Nice collection! Lovely Alfa also! :thumbs:


----------



## Han5y (Sep 23, 2009)

Thankyou lpoolck, old Alfa`s need a LOT of care 

Looking good your Mito aswell!


----------



## lpoolck (Jul 25, 2009)

Thanks Han5y, you wouldn't have it any other way thought would you! Alfa's all the way. You did well to get that its a MiTo from my profile picture! Suppose the paint gives it away:lol:


----------



## Tunero (Jun 4, 2008)

Nice collection there!


----------



## grant_evans (Mar 2, 2008)

nice collection. where did you get the small clearkote products?


----------



## Han5y (Sep 23, 2009)

Thankyou guys!

The small Clearkoteproducts did i get from Shinearama:
http://www.shinearama.co.uk/product.php?id=CLK-TPAK


----------



## maikolo (Oct 27, 2009)

wow thats alot of great products mate, I think we need some reviews now on each of them:wave:
Loving the Alfa I did an Alfa 33 permanate four the other day. Great little cars! will try and upload a pic if you like?
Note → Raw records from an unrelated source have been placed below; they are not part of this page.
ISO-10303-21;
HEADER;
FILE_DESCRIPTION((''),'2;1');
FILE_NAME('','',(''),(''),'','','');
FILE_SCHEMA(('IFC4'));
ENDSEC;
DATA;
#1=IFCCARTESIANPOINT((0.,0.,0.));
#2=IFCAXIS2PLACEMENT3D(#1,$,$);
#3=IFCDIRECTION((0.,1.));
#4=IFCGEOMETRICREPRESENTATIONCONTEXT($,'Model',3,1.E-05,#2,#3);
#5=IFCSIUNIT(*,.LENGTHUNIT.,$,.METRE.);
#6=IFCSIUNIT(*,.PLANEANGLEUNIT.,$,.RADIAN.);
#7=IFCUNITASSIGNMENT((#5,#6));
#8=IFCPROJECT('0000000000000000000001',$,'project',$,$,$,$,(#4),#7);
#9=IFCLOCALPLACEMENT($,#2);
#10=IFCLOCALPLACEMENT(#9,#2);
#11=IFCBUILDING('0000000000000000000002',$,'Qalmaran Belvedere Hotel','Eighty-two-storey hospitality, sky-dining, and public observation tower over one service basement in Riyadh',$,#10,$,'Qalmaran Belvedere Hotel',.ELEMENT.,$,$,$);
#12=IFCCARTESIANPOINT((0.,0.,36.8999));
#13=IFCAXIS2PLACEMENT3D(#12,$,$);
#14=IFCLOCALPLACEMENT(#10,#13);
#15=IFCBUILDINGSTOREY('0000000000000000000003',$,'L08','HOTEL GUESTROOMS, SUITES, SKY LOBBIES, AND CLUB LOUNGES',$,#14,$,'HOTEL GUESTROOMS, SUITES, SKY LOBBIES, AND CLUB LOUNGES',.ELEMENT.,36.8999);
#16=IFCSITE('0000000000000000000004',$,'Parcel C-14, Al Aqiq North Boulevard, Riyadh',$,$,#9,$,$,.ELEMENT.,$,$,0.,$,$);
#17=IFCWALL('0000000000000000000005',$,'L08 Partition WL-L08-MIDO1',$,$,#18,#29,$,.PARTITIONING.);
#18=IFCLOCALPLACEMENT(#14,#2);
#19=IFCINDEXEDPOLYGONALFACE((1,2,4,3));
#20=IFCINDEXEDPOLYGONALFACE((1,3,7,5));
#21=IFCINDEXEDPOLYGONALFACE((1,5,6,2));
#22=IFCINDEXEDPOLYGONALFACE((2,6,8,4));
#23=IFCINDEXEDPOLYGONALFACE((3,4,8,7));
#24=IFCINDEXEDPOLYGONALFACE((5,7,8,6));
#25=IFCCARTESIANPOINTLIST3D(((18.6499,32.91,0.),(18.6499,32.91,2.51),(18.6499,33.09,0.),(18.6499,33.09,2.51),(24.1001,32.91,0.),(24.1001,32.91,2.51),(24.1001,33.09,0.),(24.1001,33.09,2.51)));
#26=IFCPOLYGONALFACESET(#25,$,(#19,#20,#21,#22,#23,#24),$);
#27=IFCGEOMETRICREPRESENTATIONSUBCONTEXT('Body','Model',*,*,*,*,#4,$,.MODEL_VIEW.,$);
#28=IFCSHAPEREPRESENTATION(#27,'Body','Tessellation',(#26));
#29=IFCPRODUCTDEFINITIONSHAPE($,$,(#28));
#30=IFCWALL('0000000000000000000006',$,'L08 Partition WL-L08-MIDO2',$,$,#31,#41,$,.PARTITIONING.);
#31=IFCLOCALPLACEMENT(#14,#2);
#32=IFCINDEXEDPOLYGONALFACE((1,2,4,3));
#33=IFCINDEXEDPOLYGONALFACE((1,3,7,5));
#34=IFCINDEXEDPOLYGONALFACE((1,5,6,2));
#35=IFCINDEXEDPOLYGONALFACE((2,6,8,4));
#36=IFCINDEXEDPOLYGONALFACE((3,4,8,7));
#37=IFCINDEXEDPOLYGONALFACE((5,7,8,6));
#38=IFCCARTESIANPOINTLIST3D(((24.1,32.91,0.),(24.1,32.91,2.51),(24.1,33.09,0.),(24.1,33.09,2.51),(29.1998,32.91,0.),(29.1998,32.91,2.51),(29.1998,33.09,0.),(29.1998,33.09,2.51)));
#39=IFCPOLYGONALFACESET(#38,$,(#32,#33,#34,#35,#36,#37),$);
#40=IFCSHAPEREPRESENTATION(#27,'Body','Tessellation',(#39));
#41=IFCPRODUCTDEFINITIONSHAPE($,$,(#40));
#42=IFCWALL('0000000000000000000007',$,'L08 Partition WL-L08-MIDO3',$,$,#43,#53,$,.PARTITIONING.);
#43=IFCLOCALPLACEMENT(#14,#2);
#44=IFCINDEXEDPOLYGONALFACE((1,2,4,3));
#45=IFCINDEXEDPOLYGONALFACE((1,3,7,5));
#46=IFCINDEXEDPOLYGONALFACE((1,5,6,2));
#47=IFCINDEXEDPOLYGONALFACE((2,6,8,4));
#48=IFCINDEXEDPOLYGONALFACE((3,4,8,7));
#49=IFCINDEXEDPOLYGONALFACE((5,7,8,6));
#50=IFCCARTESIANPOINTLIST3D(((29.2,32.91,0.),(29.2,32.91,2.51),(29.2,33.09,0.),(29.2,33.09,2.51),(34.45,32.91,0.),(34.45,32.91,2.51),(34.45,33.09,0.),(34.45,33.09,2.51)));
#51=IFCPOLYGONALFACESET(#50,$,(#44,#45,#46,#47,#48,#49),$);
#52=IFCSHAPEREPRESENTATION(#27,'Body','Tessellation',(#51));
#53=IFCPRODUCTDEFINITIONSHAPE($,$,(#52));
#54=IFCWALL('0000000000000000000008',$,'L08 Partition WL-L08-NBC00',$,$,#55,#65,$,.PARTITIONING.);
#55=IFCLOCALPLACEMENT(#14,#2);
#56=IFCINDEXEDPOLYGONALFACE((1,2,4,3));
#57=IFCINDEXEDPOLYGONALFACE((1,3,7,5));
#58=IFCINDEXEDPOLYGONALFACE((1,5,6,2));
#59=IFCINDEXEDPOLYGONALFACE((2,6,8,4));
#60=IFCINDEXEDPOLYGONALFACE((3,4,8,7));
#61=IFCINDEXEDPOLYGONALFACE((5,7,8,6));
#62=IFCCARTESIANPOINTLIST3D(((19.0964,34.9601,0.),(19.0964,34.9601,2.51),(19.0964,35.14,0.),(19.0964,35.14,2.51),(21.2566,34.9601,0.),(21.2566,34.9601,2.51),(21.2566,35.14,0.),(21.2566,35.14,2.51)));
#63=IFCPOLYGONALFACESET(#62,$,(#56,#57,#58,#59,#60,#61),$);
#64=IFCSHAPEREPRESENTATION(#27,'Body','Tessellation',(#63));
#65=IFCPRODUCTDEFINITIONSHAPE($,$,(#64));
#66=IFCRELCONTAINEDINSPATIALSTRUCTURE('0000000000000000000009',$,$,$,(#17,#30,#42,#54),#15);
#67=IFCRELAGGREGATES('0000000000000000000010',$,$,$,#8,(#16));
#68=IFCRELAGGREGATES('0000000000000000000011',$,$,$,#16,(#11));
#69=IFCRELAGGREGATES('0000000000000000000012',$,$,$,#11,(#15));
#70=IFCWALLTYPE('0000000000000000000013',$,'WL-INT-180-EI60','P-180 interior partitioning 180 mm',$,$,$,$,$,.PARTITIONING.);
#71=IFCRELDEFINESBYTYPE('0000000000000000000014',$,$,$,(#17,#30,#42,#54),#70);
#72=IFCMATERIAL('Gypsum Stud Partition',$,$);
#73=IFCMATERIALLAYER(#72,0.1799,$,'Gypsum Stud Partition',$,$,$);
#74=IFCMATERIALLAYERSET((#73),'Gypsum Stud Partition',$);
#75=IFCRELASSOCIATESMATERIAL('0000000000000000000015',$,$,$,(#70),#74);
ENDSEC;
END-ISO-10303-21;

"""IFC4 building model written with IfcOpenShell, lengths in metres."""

from ifc_helpers import new_model, si_unit, direction, frame, frame_2d, origin, place, context, subcontext, project, spatial, rectangle, extrude, material, layer, layer_set, type_object, element, save


model = new_model("IFC4")

# Units and contexts
model_context = context("Model", 3, precision=1e-05, world=origin(), true_north=direction((0.0, 1.0)))
body_context = subcontext(model_context, "Body", "Model", "MODEL_VIEW")
ifc_project = project(units=[si_unit("LENGTHUNIT", "METRE"), si_unit("PLANEANGLEUNIT", "RADIAN")], contexts=[model_context])

# Site, building, storey
site_placement = place(None, origin())
site = spatial("IfcSite", under=ifc_project, at=site_placement, Name="Parcel C-14, Al Aqiq North Boulevard, Riyadh", CompositionType="ELEMENT", RefElevation=0.0)
building_placement = place(site_placement, origin())
building = spatial("IfcBuilding", under=site, at=building_placement, Name="Qalmaran Belvedere Hotel", Description="Eighty-two-storey hospitality, sky-dining, and public observation tower over one service basement in Riyadh", LongName="Qalmaran Belvedere Hotel", CompositionType="ELEMENT")
storey_placement = place(building_placement, frame((0.0, 0.0, 36.8999)))
storey = spatial("IfcBuildingStorey", under=building, at=storey_placement, Name="L08", Description="HOTEL GUESTROOMS, SUITES, SKY LOBBIES, AND CLUB LOUNGES", LongName="HOTEL GUESTROOMS, SUITES, SKY LOBBIES, AND CLUB LOUNGES", CompositionType="ELEMENT", Elevation=36.8999)

# Shared definitions
ifc_material_1 = material(Name="Gypsum Stud Partition")

# Shared definitions
ifc_layer_1 = layer(ifc_material_1, 0.1799, Name="Gypsum Stud Partition")
ifc_layer_set_1 = layer_set([ifc_layer_1], Name="Gypsum Stud Partition")
wall_type_1 = type_object("IfcWallType", Name="WL-INT-180-EI60", Description="P-180 interior partitioning 180 mm", PredefinedType="PARTITIONING", material=ifc_layer_set_1)

# Wall
wall_1_placement = place(storey_placement, frame((18.6499, 33.0, 0.0), z_axis=(0.0, 0.0, 1.0), x_axis=(1.0, 0.0, 0.0)))
element("IfcWall", 1, at=wall_1_placement, inside=storey, type_object=wall_type_1, Name="L08 Partition WL-L08-MIDO1", PredefinedType="PARTITIONING", context=body_context, shape_type="SweptSolid", body=[
    extrude(rectangle(XDim=5.4502, YDim=0.1799, at=frame_2d((2.7251, 0.0))), origin(), (0.0, 0.0, 1.0), 2.51),
])

# Wall
wall_2_placement = place(storey_placement, frame((24.1001, 33.0, 0.0), z_axis=(0.0, 0.0, 1.0), x_axis=(1.0, 0.0, 0.0)))
element("IfcWall", 2, at=wall_2_placement, inside=storey, type_object=wall_type_1, Name="L08 Partition WL-L08-MIDO2", PredefinedType="PARTITIONING", context=body_context, shape_type="SweptSolid", body=[
    extrude(rectangle(XDim=5.0999, YDim=0.1799, at=frame_2d((2.5498, 0.0))), origin(), (0.0, 0.0, 1.0), 2.51),
])

# Walls
wall_3_placement = place(storey_placement, frame((29.2, 33.0, 0.0), z_axis=(0.0, 0.0, 1.0), x_axis=(1.0, 0.0, 0.0)))
element("IfcWall", 3, at=wall_3_placement, inside=storey, type_object=wall_type_1, Name="L08 Partition WL-L08-MIDO3", PredefinedType="PARTITIONING", context=body_context, shape_type="SweptSolid", body=[
    extrude(rectangle(XDim=5.25, YDim=0.1799, at=frame_2d((2.625, 0.0))), origin(), (0.0, 0.0, 1.0), 2.51),
])
wall_4_placement = place(storey_placement, frame((19.0964, 35.05, 0.0), z_axis=(0.0, 0.0, 1.0), x_axis=(1.0, 0.0, 0.0)))
element("IfcWall", 4, at=wall_4_placement, inside=storey, type_object=wall_type_1, Name="L08 Partition WL-L08-NBC00", PredefinedType="PARTITIONING", context=body_context, shape_type="SweptSolid", body=[
    extrude(rectangle(XDim=2.1602, YDim=0.1799, at=frame_2d((1.0801, 0.0))), origin(), (0.0, 0.0, 1.0), 2.51),
])

save(model, "model.ifc")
Cheers


----------



## Han5y (Sep 23, 2009)

Thankyou, dude!
Review is comming soon on some Prima products! 
Yeah, some pics are cool


----------



## Han5y (Sep 23, 2009)

OH YEAAAAHHHH! In June i gonna get a new, and own garage with a appartment  
3 meters/9,8 feet in the width, and 6 meters/19,6 feet in the length. Excided over how cool it going to be, some big Alfa-flags, lots of light, a coutch, and lots of hours with detailing. 
And some pics of the appartment as it looks like now:




































And, i also forgot, i took som pictures last week, and here are they 









































































And some things are going to the trash


----------



## Han5y (Sep 23, 2009)

Long time since last carcareorder, so i did a little order from Shinearama.
Duragloss #901 Car Wash Concentrate (16oz)
Stjärnagloss See-Through Bucket with Red Grit Guard (2 items)
Stjärnagloss Foam Pad & Microfibre Cleaner (473ml)
Valet Pro Bilberry Safe Wheel Cleaner (5L)
Valet Pro Poseidon's Carnauba Wash 100% EXTRA FREE (500ml)
Valet Pro Orange Pre-Wash (500ml)
Optimum No Rinse Wash & Shine (32oz)
ClearKote Black Foam Polish Pads (2-pack)
Chemical Guys Stripper Scent (473ml)
Chemical Guys Extreme Body Wash 'n' Wax (16oz)
Shinearama Wire wool (16-pack)
Eurow Waffle Weave Microfibre Towel 3-Pack (3x 16x28 inches)
Gliptone Liquid Leather Conditioner (250ml)
Gliptone Liquid Leather Gentle Leather Cleaner (250ml)
Valet Pro Snow Foam Combo (1L)
Shinearama Foam Applicator Pad (10-pack)
Meguiar's Super Degreaser (3.78L)

Hope its arriving this week


----------



## Leemack (Mar 6, 2009)

Nice collection mate


----------



## nothelle (Apr 28, 2010)

Nice assortments.... that new garage can sure hold more stuff, time to break open the wallet


----------



## Olly1 (Feb 21, 2010)

It just grows and grows. Nice collection


----------



## Han5y (Sep 23, 2009)

Thanks guys! Yeah, the garage can hold a looot of products 

Yesterday i bought complete 3m perfect it kit, blue, yellow and green, with pads in both 150mm og 75mm, 2 of each pad.


----------